The plaintiff in error was on parole at the time of his arrest; he had been found guilty on February 14, 1933, of robbery and had been admitted to probation; on February 13, 1934, the said probation was revoked and he had been sentenced to the State Penitentiary at Joliet, from *613which he was on parole. The evidence shows that since being paroled he had been regularly employed, missing only six days from work up to the time of his arrest. He was prohibited from driving automobiles as were all parolees. The evidence further shows that his mother owns the property in which they live; that she operated a small store and restaurant there and has resided in that property for the past seventeen years. She is a widow. The sister holds a position as office manager for J. B. Simpson Company, merchant tailors, and has been employed by the clothing industry for several years.

The evidence shows that defendant was employed as a precision metal sawyer and his minimum salary was $37.40 per week, which salary he delivered to his mother and received his spending money from her. He was employed by the Hills-McKenna Foundry, who are engaged 100 per cent in war work. His parole officer testified as to his conduct and it appears that he was getting along with his parole very satisfactorily. The assistant supervisor of the foundry testified that the defendant had worked there for about six months and had performed satisfactorily.

The evidence shows that the defendant was not arrested until November 5, 1942, but that upon his arrest he was confined to Jail until November 12, 1942, without any charge being placed against him. During all of this time he was taken before many show-ups, including all of the witnesses who testified, but that the only person identifying him was Lenzey.

The police contacted the defendant’s sister on the morning of October 31 at the family home and were told that he was at the parole office and that he would be back about noon. They came about noon but the defendant was not there, but he did arrive at approximately 1 :oo P. M. The investigation continued and on November 2 one police officer did contact the defendant at his home and talked with him. On November 5 two police officers contacted *614the defendant at his place of work, and at that time the defendant insisted upon calling up the parole office to see if they had any authority to arrest him. Upon calling the parole office he was evidently advised that the parole office knew nothing of the charges and under the pretense of going to clean up, he left the factory through the back door and reported immediately to the parole office. When he did not come back the policemen who were waiting at the plant, called the parole office and told the parole office to hold him for them, should he come there.
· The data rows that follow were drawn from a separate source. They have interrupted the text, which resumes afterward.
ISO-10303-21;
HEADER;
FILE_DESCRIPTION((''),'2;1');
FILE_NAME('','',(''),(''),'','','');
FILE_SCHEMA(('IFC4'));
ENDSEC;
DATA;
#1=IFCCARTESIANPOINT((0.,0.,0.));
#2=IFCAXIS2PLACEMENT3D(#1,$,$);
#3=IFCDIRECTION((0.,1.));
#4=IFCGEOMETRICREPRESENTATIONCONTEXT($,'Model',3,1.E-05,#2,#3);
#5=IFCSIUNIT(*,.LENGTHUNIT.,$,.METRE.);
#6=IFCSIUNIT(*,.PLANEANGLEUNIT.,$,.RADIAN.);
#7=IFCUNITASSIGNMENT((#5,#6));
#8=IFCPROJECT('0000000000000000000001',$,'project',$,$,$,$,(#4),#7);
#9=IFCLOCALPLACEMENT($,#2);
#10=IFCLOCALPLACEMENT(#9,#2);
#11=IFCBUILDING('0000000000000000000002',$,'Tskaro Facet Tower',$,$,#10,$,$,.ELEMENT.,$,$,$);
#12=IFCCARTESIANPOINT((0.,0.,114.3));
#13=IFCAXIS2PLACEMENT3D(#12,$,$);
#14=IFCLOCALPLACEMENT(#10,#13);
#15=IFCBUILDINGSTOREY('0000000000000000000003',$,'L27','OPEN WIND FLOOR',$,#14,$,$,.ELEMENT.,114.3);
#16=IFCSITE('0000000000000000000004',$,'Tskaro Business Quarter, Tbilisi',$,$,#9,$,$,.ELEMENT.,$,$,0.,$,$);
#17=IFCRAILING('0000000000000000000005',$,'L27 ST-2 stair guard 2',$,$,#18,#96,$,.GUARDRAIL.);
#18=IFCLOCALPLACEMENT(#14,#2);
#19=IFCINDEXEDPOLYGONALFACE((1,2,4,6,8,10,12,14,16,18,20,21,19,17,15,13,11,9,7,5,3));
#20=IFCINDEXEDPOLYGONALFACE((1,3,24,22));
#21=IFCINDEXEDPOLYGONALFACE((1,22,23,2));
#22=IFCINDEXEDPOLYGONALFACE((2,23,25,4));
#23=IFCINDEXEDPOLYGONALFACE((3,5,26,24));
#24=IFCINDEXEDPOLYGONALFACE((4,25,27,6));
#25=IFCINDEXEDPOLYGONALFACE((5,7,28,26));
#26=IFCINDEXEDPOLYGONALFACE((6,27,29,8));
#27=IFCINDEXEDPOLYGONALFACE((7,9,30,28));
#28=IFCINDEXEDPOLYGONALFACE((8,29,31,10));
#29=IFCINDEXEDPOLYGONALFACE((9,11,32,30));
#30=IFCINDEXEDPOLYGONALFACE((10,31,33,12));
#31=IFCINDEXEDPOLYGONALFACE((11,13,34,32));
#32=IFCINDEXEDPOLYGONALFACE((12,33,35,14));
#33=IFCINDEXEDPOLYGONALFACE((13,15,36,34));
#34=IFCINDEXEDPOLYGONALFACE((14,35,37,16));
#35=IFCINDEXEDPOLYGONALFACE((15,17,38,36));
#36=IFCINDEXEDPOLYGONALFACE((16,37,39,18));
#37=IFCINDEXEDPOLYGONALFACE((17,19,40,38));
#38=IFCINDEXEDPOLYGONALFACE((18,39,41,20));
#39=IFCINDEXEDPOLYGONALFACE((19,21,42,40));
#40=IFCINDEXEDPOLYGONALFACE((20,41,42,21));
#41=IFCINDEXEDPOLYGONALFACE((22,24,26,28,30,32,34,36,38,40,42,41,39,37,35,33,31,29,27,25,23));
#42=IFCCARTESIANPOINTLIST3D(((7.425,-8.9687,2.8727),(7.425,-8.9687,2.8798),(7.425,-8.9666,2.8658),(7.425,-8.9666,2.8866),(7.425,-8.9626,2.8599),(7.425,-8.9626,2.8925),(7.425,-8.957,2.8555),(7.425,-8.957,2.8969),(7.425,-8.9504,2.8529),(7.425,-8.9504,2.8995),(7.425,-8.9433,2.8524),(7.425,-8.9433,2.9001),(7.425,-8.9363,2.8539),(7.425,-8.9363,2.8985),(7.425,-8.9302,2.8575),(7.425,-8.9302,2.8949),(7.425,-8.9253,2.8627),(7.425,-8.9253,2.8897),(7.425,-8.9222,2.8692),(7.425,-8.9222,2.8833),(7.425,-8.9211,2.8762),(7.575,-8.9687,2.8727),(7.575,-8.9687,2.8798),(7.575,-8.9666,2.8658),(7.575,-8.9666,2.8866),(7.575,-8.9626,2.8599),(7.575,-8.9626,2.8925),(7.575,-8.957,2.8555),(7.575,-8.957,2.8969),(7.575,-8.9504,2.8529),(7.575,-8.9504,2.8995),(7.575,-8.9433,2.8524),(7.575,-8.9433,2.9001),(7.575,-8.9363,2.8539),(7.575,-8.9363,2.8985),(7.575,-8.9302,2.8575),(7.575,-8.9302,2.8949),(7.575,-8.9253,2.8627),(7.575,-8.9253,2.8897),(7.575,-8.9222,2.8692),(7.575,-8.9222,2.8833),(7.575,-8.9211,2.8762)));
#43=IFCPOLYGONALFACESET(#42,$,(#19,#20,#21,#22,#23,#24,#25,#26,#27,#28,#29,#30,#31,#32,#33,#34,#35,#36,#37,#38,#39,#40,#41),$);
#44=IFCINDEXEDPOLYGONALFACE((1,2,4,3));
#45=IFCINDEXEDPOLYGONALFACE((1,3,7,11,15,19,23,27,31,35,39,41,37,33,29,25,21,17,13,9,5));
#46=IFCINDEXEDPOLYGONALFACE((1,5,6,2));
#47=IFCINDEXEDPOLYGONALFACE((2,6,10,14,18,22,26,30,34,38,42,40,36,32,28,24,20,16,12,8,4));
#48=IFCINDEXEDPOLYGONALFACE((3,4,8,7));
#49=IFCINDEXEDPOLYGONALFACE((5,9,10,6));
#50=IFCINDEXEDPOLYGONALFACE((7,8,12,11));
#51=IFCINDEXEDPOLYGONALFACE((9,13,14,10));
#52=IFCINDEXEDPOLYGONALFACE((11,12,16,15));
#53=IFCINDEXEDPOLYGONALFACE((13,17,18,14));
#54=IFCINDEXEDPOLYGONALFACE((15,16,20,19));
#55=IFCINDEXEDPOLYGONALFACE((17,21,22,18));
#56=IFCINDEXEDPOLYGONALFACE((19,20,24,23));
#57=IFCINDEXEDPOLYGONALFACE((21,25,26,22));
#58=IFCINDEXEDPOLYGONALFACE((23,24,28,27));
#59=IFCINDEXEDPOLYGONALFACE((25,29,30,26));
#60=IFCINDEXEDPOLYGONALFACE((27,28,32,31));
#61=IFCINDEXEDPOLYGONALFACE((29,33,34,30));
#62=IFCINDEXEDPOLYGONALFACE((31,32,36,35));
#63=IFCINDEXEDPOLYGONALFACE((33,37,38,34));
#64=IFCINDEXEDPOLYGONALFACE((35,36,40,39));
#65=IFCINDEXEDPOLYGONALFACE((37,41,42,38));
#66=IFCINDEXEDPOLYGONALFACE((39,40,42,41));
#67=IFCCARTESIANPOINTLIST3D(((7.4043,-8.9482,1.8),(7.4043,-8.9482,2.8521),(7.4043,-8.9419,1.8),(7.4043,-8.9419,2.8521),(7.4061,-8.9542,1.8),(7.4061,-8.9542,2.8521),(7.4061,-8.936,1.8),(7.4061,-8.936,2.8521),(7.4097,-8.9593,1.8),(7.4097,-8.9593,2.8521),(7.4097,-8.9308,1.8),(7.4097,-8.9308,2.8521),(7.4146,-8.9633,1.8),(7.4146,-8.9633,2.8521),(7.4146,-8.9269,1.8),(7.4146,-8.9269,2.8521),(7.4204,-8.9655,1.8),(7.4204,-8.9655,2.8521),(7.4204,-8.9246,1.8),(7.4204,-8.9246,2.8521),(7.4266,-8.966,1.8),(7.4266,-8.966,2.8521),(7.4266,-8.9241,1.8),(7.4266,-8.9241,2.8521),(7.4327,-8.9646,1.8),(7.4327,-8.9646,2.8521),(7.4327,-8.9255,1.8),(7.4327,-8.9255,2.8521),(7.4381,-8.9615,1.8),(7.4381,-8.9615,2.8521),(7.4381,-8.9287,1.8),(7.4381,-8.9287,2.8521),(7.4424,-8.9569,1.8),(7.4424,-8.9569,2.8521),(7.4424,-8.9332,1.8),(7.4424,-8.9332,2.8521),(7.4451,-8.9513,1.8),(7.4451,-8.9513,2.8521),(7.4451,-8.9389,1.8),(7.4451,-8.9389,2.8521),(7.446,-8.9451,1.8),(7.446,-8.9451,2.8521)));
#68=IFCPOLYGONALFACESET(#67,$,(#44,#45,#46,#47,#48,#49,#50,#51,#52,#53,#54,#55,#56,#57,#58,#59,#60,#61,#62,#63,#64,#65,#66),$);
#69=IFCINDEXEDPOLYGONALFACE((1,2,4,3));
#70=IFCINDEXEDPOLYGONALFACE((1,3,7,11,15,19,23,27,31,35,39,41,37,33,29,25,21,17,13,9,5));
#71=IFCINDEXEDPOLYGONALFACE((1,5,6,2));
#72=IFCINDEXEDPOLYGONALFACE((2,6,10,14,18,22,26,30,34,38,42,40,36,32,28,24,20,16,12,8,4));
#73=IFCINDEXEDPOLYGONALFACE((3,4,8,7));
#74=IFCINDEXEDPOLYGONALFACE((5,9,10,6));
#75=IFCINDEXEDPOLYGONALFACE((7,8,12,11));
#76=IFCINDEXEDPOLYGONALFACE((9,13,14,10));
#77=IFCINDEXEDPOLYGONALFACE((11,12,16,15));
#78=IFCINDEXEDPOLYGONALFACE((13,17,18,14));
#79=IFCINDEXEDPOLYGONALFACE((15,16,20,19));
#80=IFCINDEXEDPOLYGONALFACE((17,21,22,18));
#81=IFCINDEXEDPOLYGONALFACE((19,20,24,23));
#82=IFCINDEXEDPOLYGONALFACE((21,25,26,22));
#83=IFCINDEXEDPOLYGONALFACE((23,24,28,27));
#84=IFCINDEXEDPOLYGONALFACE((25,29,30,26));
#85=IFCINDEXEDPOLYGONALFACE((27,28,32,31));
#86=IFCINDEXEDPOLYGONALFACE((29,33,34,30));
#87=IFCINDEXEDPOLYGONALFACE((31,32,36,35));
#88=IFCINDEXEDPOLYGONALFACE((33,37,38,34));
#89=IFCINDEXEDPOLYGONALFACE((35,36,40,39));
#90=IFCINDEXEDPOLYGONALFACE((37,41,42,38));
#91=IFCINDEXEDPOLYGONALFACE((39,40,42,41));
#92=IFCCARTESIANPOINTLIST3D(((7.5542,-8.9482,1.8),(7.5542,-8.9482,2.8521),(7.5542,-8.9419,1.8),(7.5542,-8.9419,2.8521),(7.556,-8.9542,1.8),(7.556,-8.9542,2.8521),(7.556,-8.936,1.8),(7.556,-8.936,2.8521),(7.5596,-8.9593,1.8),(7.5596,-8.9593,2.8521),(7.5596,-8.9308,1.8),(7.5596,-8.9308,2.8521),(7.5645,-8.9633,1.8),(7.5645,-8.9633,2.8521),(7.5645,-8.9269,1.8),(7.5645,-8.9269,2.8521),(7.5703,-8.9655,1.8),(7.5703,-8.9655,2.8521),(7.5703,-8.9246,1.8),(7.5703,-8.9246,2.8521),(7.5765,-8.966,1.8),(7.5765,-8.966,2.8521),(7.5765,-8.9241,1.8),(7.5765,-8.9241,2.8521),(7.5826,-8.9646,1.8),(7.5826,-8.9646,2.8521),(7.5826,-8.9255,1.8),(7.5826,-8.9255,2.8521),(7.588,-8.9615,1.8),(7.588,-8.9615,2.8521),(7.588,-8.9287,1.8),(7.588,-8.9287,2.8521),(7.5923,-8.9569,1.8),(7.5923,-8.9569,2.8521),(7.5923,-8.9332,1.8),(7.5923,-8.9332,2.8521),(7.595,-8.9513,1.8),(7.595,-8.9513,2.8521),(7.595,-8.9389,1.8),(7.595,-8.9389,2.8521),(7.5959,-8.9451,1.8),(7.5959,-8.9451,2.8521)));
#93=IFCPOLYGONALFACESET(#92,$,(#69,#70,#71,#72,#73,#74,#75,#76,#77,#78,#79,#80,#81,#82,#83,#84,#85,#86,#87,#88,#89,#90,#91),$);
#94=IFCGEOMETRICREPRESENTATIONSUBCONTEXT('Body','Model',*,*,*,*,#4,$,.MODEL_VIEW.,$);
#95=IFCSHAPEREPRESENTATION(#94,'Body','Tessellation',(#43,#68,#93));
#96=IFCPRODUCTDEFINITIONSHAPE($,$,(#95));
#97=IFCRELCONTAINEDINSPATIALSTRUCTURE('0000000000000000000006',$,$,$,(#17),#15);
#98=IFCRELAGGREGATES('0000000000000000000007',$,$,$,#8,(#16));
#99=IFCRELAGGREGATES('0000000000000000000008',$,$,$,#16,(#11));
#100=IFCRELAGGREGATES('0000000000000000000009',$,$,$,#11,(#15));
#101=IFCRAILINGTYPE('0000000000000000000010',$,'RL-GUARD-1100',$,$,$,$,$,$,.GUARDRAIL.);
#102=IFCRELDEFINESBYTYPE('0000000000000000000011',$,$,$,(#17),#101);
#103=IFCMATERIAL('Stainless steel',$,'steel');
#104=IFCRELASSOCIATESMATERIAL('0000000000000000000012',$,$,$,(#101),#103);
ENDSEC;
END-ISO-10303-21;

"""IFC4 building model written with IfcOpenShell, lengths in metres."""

from ifc_helpers import new_model, si_unit, direction, frame, origin, origin_2d, place, context, subcontext, project, spatial, circle, extrude, material, type_object, element, save


model = new_model("IFC4")

# Units and contexts
model_context = context("Model", 3, precision=1e-05, world=origin(), true_north=direction((0.0, 1.0)))
body_context = subcontext(model_context, "Body", "Model", "MODEL_VIEW")
ifc_project = project(units=[si_unit("LENGTHUNIT", "METRE"), si_unit("PLANEANGLEUNIT", "RADIAN")], contexts=[model_context])

# Site, building, storey
site_placement = place(None, origin())
site = spatial("IfcSite", under=ifc_project, at=site_placement, Name="Tskaro Business Quarter, Tbilisi", CompositionType="ELEMENT", RefElevation=0.0)
building_placement = place(site_placement, origin())
building = spatial("IfcBuilding", under=site, at=building_placement, Name="Tskaro Facet Tower", CompositionType="ELEMENT")
storey_placement = place(building_placement, frame((0.0, 0.0, 114.3)))
storey = spatial("IfcBuildingStorey", under=building, at=storey_placement, Name="L27", Description="OPEN WIND FLOOR", CompositionType="ELEMENT", Elevation=114.3)

# Railing
ifc_material_1 = material(Name="Stainless steel", Category="steel")
railing_type_1 = type_object("IfcRailingType", Name="RL-GUARD-1100", PredefinedType="GUARDRAIL", material=ifc_material_1)
railing_1_placement = place(storey_placement, frame((7.425, -8.9451, 1.8)))
element("IfcRailing", 1, at=railing_1_placement, inside=storey, type_object=railing_type_1, Name="L27 ST-2 stair guard 2", PredefinedType="GUARDRAIL", context=body_context, shape_type="SweptSolid", body=[
    extrude(circle(Radius=0.0239, at=origin_2d()), frame((0.0, 0.0, 1.0762), z_axis=(1.0, 0.0, 0.0), x_axis=(0.0, 1.0, 0.0)), (0.0, 0.0, 1.0), 0.1499),
    extrude(circle(Radius=0.021, at=origin_2d()), origin(), (0.0, 0.0, 1.0), 1.052),
    extrude(circle(Radius=0.021, at=origin_2d()), frame((0.1499, 0.0, 0.0)), (0.0, 0.0, 1.0), 1.052),
])

save(model, "model.ifc")
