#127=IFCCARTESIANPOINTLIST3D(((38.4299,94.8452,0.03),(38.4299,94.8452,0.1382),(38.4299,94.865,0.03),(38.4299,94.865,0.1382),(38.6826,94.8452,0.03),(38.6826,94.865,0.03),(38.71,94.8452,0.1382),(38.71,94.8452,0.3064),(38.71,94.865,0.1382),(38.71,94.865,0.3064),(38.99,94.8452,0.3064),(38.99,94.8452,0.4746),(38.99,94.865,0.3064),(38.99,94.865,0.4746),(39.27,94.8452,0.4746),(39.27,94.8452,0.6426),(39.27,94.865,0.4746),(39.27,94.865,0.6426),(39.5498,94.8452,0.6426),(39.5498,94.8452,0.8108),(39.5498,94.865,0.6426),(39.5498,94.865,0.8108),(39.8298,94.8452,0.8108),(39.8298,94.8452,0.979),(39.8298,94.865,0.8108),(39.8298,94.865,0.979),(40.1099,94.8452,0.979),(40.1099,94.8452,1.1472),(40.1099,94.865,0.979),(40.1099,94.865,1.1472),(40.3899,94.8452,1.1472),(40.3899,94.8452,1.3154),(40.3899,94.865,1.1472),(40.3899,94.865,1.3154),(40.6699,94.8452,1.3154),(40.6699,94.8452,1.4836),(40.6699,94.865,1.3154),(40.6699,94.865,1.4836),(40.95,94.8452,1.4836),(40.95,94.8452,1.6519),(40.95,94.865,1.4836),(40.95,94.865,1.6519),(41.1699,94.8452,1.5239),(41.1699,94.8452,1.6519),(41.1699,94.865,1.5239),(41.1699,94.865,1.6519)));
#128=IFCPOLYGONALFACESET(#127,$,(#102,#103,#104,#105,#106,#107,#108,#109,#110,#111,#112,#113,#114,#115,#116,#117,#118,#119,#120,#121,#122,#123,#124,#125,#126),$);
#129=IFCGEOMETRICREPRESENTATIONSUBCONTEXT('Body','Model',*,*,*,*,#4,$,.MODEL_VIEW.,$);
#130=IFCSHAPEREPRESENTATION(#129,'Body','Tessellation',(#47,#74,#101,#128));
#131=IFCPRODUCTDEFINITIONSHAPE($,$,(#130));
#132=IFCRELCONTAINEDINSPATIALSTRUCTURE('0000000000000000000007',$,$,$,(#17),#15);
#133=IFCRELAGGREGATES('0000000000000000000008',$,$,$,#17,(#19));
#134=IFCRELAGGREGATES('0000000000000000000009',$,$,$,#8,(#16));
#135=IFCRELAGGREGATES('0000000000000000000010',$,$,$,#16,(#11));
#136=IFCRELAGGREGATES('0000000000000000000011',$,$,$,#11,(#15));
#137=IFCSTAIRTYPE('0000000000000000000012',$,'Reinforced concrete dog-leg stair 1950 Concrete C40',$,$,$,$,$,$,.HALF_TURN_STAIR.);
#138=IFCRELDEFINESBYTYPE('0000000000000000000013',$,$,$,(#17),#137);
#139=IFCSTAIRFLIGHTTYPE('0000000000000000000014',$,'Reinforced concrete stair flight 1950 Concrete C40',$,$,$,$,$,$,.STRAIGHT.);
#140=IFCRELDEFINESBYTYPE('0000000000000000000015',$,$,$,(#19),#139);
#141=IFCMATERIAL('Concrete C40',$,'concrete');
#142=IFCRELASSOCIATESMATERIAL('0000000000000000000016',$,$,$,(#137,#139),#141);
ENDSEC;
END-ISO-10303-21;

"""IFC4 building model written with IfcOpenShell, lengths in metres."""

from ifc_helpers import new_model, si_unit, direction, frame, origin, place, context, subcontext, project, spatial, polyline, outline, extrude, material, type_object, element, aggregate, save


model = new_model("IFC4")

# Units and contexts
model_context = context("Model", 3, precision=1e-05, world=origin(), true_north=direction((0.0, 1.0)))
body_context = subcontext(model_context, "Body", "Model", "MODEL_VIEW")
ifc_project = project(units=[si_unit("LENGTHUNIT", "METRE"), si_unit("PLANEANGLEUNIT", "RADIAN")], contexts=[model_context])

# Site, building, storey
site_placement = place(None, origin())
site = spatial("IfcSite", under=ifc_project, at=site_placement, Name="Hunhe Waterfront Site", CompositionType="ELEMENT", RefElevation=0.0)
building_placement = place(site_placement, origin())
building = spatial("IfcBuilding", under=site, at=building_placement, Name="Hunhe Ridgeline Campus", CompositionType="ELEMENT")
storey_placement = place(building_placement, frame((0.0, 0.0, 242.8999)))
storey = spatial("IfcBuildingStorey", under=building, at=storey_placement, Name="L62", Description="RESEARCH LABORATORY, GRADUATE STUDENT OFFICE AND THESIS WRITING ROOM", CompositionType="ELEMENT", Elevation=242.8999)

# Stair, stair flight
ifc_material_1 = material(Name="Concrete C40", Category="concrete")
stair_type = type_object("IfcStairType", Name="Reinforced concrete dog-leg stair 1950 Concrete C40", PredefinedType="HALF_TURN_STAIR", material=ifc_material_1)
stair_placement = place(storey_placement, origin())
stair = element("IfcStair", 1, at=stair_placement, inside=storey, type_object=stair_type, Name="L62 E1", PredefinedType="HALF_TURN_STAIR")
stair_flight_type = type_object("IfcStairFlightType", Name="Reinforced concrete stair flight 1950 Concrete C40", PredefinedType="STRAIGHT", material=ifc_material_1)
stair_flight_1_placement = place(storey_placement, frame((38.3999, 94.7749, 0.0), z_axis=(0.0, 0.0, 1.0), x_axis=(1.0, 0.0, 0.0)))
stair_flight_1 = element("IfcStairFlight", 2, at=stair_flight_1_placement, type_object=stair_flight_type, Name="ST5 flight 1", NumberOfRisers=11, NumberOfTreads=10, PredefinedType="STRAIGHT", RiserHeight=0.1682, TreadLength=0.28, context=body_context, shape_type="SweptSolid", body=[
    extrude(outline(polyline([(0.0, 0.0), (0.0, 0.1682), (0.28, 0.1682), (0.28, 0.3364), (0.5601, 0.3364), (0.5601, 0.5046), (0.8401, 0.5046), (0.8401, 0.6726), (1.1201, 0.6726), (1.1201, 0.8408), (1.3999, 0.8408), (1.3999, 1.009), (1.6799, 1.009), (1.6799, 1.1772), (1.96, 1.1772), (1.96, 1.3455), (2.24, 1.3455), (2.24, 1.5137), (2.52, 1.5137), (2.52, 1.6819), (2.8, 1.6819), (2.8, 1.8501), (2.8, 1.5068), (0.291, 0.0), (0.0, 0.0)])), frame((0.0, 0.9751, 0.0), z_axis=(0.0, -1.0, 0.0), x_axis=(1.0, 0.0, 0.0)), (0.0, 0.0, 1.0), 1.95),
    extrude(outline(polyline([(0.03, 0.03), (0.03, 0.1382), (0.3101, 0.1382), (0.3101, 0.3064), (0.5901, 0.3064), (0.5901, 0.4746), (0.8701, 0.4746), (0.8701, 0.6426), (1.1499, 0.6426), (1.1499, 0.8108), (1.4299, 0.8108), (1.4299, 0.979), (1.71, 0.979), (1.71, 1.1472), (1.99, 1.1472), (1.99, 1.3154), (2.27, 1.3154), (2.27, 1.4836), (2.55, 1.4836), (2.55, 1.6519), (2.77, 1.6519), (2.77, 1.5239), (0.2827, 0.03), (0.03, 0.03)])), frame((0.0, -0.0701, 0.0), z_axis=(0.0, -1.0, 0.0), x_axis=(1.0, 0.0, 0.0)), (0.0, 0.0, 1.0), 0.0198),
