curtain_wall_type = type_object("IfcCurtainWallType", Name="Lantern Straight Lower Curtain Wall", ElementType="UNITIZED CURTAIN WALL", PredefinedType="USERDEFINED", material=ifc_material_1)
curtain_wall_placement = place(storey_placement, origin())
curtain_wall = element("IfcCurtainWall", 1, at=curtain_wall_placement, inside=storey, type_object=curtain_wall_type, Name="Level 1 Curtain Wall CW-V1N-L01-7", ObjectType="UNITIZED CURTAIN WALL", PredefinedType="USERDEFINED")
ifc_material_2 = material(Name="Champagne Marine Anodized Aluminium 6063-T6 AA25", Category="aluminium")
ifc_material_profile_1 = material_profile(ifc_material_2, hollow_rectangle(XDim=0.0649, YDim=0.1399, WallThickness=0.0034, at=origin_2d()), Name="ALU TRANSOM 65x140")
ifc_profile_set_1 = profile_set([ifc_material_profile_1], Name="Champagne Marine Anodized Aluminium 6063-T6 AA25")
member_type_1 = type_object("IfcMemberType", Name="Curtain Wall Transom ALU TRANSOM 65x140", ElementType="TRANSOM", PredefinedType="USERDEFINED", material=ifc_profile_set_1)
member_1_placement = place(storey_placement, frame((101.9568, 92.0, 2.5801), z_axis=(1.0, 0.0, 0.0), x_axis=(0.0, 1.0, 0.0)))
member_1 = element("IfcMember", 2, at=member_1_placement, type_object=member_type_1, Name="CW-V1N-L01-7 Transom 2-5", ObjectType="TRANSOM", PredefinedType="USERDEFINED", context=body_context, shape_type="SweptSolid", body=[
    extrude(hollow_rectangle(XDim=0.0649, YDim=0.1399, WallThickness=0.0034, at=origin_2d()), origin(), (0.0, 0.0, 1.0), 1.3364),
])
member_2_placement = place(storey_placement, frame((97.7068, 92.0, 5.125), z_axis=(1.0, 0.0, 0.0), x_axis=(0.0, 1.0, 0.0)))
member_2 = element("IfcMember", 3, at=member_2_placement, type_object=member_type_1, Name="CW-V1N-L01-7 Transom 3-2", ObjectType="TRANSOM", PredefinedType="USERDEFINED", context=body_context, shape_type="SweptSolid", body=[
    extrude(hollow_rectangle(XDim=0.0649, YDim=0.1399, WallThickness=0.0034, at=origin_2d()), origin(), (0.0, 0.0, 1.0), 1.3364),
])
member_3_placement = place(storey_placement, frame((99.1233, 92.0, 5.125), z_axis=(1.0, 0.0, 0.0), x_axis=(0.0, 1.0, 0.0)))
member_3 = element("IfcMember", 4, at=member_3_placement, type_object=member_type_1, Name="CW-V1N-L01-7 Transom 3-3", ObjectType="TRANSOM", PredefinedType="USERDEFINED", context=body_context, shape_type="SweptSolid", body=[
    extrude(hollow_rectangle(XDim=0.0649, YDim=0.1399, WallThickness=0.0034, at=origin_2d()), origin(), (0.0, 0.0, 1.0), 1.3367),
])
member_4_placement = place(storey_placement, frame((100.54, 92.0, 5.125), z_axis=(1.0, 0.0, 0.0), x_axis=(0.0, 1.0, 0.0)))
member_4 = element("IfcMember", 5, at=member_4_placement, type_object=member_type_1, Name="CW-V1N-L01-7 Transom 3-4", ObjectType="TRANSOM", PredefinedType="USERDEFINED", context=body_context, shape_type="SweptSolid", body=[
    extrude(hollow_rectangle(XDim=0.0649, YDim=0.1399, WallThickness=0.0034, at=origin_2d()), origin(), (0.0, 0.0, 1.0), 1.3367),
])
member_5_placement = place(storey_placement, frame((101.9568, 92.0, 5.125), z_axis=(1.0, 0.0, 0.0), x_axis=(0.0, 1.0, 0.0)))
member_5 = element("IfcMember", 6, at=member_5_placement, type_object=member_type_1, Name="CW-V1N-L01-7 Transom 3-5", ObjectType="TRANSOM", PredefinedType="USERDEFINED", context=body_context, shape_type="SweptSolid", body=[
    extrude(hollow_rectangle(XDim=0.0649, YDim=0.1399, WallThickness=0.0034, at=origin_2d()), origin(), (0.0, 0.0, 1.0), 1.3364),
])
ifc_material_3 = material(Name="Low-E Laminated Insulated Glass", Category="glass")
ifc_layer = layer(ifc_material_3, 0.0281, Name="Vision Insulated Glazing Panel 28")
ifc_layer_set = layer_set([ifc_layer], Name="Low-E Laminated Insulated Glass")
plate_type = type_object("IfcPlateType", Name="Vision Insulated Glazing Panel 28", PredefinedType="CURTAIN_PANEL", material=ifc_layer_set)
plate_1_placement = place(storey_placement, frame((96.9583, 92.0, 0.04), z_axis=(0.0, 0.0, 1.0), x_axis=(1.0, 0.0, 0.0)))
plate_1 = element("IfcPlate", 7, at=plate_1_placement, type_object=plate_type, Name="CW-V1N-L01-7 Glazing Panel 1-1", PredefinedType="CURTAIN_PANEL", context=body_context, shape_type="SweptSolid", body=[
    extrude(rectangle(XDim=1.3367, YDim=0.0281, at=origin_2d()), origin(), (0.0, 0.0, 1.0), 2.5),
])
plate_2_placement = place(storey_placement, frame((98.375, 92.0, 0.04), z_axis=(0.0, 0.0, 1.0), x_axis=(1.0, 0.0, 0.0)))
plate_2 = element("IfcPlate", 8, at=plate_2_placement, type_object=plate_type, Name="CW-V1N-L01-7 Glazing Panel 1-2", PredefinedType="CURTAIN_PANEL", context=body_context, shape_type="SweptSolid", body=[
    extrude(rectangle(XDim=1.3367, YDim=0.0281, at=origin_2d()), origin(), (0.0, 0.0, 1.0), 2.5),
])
It will be seen that the only direct evidence of the defendant’s guilt is the testimony of Lenzey. There is circumstantial evidence which indicates that a car was stolen, which car was undoubtedly used in this robbery, and that the Botulinski automobile was found about one block from the place where this stolen car had been parked. However, the alibi in this case being very convincing and destroying the incriminating character of the circumstantial evidence, the State must rest its entire case upon the identification by Lenzey.

This court has held that it is its duty to carefully review the evidence in a criminal case, and if it is not sufficient to remove any reasonable doubt of the defendant’s guilt and to create an abiding conviction that he is guilty, the conviction will be reversed. (People v. Kazmierczyk, 357 Ill. 592; People v. Serrielle, 354 Ill. 182; People v. Nemes, 347 Ill. 268; People v. Fitzgibbons, 343 Ill. 69.) This court has further held that the burden rests upon the People not only to prove beyond a reasonable doubt the commission of the crime charged, but also to establish by the same degree of proof the perpetration of the crime by the person accused. People v. Grove, 356 Ill. 246.

A conviction cannot be said to be sustained by evidence beyond a reasonable doubt if the testimony of the witnesses shows that their identification of the person accused was *615vague, doubtful and uncertain. People v. Christocakos, 357 Ill. 599; People v. Fiorita, 339 Ill. 78.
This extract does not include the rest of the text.